# Linux sur Xserve G5



## snoopy66 (28 Novembre 2008)

Bonjour,

J'ai trois serveurs Xserve G5 (Donc PowerPC et non Intel) dans un Datacenter que je dois reconvertir sous Linux.

Quelqu'un a déjà fait cela ? Avec quelle distribution ?

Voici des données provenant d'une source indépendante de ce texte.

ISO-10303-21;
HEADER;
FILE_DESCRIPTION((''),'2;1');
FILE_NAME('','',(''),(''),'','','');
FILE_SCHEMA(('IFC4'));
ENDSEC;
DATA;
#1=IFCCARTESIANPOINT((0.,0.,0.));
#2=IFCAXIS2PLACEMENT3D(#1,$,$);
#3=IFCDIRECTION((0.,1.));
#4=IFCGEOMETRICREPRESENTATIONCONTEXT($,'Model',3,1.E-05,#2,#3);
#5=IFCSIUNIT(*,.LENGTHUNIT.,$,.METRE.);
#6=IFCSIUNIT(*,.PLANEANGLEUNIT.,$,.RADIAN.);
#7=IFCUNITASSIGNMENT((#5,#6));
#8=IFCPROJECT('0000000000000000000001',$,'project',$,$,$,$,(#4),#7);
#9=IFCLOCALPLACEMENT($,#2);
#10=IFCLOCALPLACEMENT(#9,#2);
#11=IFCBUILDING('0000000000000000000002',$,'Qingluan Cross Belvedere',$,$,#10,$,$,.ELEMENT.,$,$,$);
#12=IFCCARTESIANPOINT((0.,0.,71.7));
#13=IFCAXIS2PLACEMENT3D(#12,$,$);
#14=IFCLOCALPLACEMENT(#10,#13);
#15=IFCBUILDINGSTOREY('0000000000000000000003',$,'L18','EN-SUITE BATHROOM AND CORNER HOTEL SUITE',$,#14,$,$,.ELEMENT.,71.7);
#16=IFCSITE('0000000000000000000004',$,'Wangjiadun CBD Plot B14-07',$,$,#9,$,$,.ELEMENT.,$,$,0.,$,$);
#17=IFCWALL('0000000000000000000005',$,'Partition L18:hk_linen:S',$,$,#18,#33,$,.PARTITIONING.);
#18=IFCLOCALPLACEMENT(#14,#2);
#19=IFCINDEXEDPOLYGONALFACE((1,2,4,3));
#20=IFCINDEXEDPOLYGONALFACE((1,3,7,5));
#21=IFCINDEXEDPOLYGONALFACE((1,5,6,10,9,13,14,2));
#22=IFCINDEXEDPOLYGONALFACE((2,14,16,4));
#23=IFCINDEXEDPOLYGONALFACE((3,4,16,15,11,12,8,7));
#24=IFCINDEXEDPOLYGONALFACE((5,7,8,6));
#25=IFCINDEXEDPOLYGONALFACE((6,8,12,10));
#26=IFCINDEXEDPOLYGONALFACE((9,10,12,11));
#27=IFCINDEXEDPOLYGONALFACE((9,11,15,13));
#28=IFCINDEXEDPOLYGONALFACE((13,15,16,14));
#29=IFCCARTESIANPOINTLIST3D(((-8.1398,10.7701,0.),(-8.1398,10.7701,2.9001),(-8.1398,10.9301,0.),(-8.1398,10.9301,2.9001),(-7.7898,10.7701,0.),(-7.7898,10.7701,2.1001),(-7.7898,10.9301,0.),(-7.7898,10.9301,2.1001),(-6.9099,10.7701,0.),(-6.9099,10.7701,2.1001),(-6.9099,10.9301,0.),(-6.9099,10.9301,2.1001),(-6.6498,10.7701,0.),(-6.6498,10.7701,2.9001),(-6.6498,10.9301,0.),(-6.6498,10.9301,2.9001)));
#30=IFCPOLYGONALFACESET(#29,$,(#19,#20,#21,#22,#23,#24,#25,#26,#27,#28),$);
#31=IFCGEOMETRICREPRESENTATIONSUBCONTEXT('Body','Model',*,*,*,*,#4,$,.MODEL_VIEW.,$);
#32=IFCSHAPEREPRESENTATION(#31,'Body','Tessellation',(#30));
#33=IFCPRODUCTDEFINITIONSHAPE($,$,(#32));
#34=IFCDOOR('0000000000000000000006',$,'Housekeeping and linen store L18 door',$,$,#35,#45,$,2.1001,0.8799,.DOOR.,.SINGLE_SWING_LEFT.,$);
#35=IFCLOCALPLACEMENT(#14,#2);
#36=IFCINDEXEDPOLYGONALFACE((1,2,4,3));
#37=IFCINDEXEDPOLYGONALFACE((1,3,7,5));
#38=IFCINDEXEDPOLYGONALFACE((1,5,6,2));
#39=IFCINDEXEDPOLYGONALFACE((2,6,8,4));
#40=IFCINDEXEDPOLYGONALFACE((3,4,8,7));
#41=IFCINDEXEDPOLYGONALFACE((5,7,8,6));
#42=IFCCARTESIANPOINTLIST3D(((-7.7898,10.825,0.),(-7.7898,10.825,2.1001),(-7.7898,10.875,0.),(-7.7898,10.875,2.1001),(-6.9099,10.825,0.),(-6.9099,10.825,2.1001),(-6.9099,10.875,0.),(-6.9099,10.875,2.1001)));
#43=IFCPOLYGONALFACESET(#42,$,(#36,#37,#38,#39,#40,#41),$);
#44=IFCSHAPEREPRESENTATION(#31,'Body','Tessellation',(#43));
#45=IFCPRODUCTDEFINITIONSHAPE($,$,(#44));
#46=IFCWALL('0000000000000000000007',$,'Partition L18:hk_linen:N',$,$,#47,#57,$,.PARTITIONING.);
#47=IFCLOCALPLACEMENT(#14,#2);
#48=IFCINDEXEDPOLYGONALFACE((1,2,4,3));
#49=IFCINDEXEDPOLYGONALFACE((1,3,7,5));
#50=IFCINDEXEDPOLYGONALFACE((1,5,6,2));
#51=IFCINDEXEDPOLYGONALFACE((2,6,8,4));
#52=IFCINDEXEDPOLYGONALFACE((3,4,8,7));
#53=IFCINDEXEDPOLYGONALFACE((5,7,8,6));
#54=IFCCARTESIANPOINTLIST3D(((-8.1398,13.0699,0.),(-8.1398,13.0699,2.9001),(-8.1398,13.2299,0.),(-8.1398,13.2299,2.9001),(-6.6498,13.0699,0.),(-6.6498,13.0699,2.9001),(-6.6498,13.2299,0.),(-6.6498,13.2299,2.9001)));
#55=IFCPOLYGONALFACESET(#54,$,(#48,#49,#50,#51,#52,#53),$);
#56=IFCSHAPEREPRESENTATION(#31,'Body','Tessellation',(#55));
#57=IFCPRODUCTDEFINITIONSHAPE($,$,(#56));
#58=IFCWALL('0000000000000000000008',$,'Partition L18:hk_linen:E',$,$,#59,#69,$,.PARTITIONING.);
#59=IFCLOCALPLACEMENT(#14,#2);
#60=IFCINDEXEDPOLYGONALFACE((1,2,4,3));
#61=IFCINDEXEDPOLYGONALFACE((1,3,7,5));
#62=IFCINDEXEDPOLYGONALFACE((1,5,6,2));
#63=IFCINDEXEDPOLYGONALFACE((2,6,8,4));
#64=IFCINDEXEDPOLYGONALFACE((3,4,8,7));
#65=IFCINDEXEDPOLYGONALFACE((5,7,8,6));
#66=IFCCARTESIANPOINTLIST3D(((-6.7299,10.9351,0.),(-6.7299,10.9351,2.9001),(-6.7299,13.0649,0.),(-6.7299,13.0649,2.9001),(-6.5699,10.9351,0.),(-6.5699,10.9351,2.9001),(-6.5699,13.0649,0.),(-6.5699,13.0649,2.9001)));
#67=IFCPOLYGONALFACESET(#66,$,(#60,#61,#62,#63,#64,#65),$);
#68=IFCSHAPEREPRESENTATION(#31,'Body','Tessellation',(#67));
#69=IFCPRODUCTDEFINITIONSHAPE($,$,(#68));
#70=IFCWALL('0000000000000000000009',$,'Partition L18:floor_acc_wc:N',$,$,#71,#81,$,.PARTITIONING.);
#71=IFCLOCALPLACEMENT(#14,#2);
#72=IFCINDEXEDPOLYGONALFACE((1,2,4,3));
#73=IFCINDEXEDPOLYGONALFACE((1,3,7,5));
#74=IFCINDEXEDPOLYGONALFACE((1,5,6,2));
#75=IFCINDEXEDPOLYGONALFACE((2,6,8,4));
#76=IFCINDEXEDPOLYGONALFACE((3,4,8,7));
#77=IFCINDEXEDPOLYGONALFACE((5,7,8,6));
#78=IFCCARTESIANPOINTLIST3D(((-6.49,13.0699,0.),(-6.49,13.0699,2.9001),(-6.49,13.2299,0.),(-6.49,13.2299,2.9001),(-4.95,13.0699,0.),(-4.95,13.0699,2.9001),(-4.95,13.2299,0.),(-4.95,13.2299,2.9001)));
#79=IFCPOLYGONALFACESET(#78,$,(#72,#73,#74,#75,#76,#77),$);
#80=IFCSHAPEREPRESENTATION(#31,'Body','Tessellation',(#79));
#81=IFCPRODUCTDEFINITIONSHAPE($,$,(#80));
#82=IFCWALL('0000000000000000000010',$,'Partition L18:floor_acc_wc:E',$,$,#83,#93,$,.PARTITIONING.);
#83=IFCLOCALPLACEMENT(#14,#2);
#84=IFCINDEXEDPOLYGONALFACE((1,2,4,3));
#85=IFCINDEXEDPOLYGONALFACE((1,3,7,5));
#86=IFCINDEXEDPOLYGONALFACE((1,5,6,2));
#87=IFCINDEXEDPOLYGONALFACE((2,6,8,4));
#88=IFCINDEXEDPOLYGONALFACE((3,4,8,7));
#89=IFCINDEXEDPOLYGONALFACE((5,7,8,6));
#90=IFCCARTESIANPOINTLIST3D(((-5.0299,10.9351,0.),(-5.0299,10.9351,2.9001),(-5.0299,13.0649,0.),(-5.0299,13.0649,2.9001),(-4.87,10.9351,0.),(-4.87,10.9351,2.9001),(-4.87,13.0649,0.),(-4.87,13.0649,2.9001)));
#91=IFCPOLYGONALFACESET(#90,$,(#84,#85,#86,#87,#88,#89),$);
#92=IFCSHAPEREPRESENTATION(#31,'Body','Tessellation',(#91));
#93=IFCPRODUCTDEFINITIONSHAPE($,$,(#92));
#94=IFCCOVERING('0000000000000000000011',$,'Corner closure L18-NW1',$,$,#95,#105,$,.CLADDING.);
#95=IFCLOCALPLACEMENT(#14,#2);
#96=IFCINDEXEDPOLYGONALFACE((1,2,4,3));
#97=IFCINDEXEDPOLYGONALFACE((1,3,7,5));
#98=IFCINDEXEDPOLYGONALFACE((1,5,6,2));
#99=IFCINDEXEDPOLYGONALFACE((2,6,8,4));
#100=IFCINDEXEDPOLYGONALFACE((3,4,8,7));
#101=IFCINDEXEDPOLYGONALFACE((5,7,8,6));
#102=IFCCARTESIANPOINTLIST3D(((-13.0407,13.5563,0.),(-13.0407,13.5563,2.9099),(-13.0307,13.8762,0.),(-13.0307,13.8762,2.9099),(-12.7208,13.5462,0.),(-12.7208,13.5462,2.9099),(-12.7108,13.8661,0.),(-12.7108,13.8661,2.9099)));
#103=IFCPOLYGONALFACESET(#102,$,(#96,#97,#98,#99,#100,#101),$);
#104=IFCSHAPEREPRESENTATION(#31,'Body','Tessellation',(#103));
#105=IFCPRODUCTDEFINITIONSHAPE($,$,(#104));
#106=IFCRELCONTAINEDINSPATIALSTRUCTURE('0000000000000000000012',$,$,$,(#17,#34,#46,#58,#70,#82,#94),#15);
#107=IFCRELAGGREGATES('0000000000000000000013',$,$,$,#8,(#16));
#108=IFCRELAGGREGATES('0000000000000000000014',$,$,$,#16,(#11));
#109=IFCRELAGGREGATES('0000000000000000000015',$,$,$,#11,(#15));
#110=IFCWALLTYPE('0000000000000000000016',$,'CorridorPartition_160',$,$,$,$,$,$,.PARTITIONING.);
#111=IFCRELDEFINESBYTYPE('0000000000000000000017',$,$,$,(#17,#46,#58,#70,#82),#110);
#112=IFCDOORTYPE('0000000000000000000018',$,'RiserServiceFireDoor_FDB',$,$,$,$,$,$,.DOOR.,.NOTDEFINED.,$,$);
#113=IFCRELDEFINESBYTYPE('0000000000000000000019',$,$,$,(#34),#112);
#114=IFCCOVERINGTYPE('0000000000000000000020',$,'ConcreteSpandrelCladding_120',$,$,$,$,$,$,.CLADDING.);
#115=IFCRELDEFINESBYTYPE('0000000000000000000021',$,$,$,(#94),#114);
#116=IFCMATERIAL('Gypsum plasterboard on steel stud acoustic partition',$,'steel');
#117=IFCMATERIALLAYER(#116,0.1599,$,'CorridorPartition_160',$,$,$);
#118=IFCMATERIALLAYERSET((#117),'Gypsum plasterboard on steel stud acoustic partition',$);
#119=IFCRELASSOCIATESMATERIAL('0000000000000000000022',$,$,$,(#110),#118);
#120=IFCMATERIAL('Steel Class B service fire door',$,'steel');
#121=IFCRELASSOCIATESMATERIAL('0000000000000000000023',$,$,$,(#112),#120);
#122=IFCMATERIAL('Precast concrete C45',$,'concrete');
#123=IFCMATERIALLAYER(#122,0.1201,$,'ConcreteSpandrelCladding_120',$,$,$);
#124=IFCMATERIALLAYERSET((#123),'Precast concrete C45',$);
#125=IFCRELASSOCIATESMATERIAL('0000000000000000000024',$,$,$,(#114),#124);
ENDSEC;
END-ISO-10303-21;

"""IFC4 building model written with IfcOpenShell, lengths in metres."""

from ifc_helpers import new_model, si_unit, direction, frame, frame_2d, origin, origin_2d, place, context, subcontext, project, spatial, rectangle, extrude, material, layer, layer_set, type_object, element, fill, save


model = new_model("IFC4")

# Units and contexts
model_context = context("Model", 3, precision=1e-05, world=origin(), true_north=direction((0.0, 1.0)))
body_context = subcontext(model_context, "Body", "Model", "MODEL_VIEW")
ifc_project = project(units=[si_unit("LENGTHUNIT", "METRE"), si_unit("PLANEANGLEUNIT", "RADIAN")], contexts=[model_context])

# Site, building, storey
site_placement = place(None, origin())
site = spatial("IfcSite", under=ifc_project, at=site_placement, Name="Wangjiadun CBD Plot B14-07", CompositionType="ELEMENT", RefElevation=0.0)
building_placement = place(site_placement, origin())
building = spatial("IfcBuilding", under=site, at=building_placement, Name="Qingluan Cross Belvedere", CompositionType="ELEMENT")
storey_placement = place(building_placement, frame((0.0, 0.0, 71.7)))
storey = spatial("IfcBuildingStorey", under=building, at=storey_placement, Name="L18", Description="EN-SUITE BATHROOM AND CORNER HOTEL SUITE", CompositionType="ELEMENT", Elevation=71.7)

# Shared definitions
ifc_material_1 = material(Name="Gypsum plasterboard on steel stud acoustic partition", Category="steel")
ifc_layer_1 = layer(ifc_material_1, 0.1599, Name="CorridorPartition_160")
ifc_layer_set_1 = layer_set([ifc_layer_1], Name="Gypsum plasterboard on steel stud acoustic partition")
wall_type_1 = type_object("IfcWallType", Name="CorridorPartition_160", PredefinedType="PARTITIONING", material=ifc_layer_set_1)

# Wall, opening, door
wall_1_placement = place(storey_placement, frame((-8.1399, 10.8501, 0.0), z_axis=(0.0, 0.0, 1.0), x_axis=(1.0, 0.0, 0.0)))
wall_1 = element("IfcWall", 1, at=wall_1_placement, inside=storey, type_object=wall_type_1, Name="Partition L18:hk_linen:S", PredefinedType="PARTITIONING", context=body_context, shape_type="SweptSolid", body=[
    extrude(rectangle(XDim=1.49, YDim=0.1599, at=frame_2d((0.7451, 0.0))), origin(), (0.0, 0.0, 1.0), 2.9001),
])
opening_1_placement = place(wall_1_placement, frame((0.3501, 0.0, 0.0)))
opening_1 = element("IfcOpeningElement", 2, at=opening_1_placement, cuts=wall_1, PredefinedType="OPENING", context=body_context, shape_type="SweptSolid", body=[
    extrude(rectangle(XDim=0.8799, YDim=2.1001, at=frame_2d((0.4399, 1.05))), frame((0.0, 0.0898, 0.0), z_axis=(0.0, -1.0, 0.0), x_axis=(1.0, 0.0, 0.0)), (0.0, 0.0, 1.0), 0.1799),
])
ifc_material_2 = material(Name="Steel Class B service fire door", Category="steel")
door_type_1 = type_object("IfcDoorType", Name="RiserServiceFireDoor_FDB", OperationType="NOTDEFINED", PredefinedType="DOOR", material=ifc_material_2)
door_1_placement = place(opening_1_placement, origin())
door_1 = element("IfcDoor", 3, at=door_1_placement, inside=storey, type_object=door_type_1, Name="Housekeeping and linen store L18 door", OperationType="SINGLE_SWING_LEFT", OverallHeight=2.1001, OverallWidth=0.8799, PredefinedType="DOOR", context=body_context, shape_type="SweptSolid", body=[
    extrude(rectangle(XDim=0.8799, YDim=2.1001, at=frame_2d((0.4399, 1.05))), frame((0.0, 0.0249, 0.0), z_axis=(0.0, -1.0, 0.0), x_axis=(1.0, 0.0, 0.0)), (0.0, 0.0, 1.0), 0.05),
])
fill(opening_1, door_1)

Où trouvez de la documentation sur ce procédé ?

Merci de votre Aide !!!


----------



## Anonyme (28 Novembre 2008)

Sur ubuntu-fr, il y en a qui on fait des installations sur xserve g5.


----------



## gagarts (28 Novembre 2008)

Salut...
Je n'utilise pas de serveur... donc, je ne sais pas... mais si tu passes à Ubuntu (version serveur) pour PPC (G3-G5) jette un coup d'oeil à :
1- la version LTS (support de 5 ans - pas valable pour les PPC) actuelle : Hardy Heron (8.04.1) :
http://cdimage.ubuntu.com/ports/releases/8.04/release/
2- la dernière version d'Ubuntu : Intrepid Ibex (8.10) :
http://cdimage.ubuntu.com/ports/releases/8.10/release/

Prends (si tu veux tester) celle qui s'appelle : ubuntu-8.XX-server-powerpc.iso (XX étant à remplacer par la version que tu as choisie : "04.1" ou "10"  )

Bon courage !

EDIT : Après une petite recherche, j'ai trouvé ça (en anglais) :
http://ph.ubuntuforums.com/showthread.php?t=802225
Je ne sais pas si ça aidera !


----------



## snoopy66 (31 Décembre 2008)

Merci pour vos réponses.
Je vais me lancer dans l'aventure ! (Et essayer d'écrire une doc !!)


----------



## gagarts (5 Janvier 2009)

Salut !
Je profite d'un petit passage pour te dire :
N'UTILISE PAS INTREPID IBEX (8.10) SUR PPC (G3, G4 ou G5 )
à moins que ça soit juste pour un test !
J'ai foiré les 4 PowerMac sur lesquels j'avais tenter quelque chose et j'ai dû revenir à 8.04... qui plante à chaque fois chez moi !
Résultat, Réinstallation de 7.10 sur tous les postes, puis, mise à jour vers 8.04 avant de régler les différents bugs...
Voilà !

Enfin que ça ne t'empêche pas de passer une BONNE ANNEE !


----------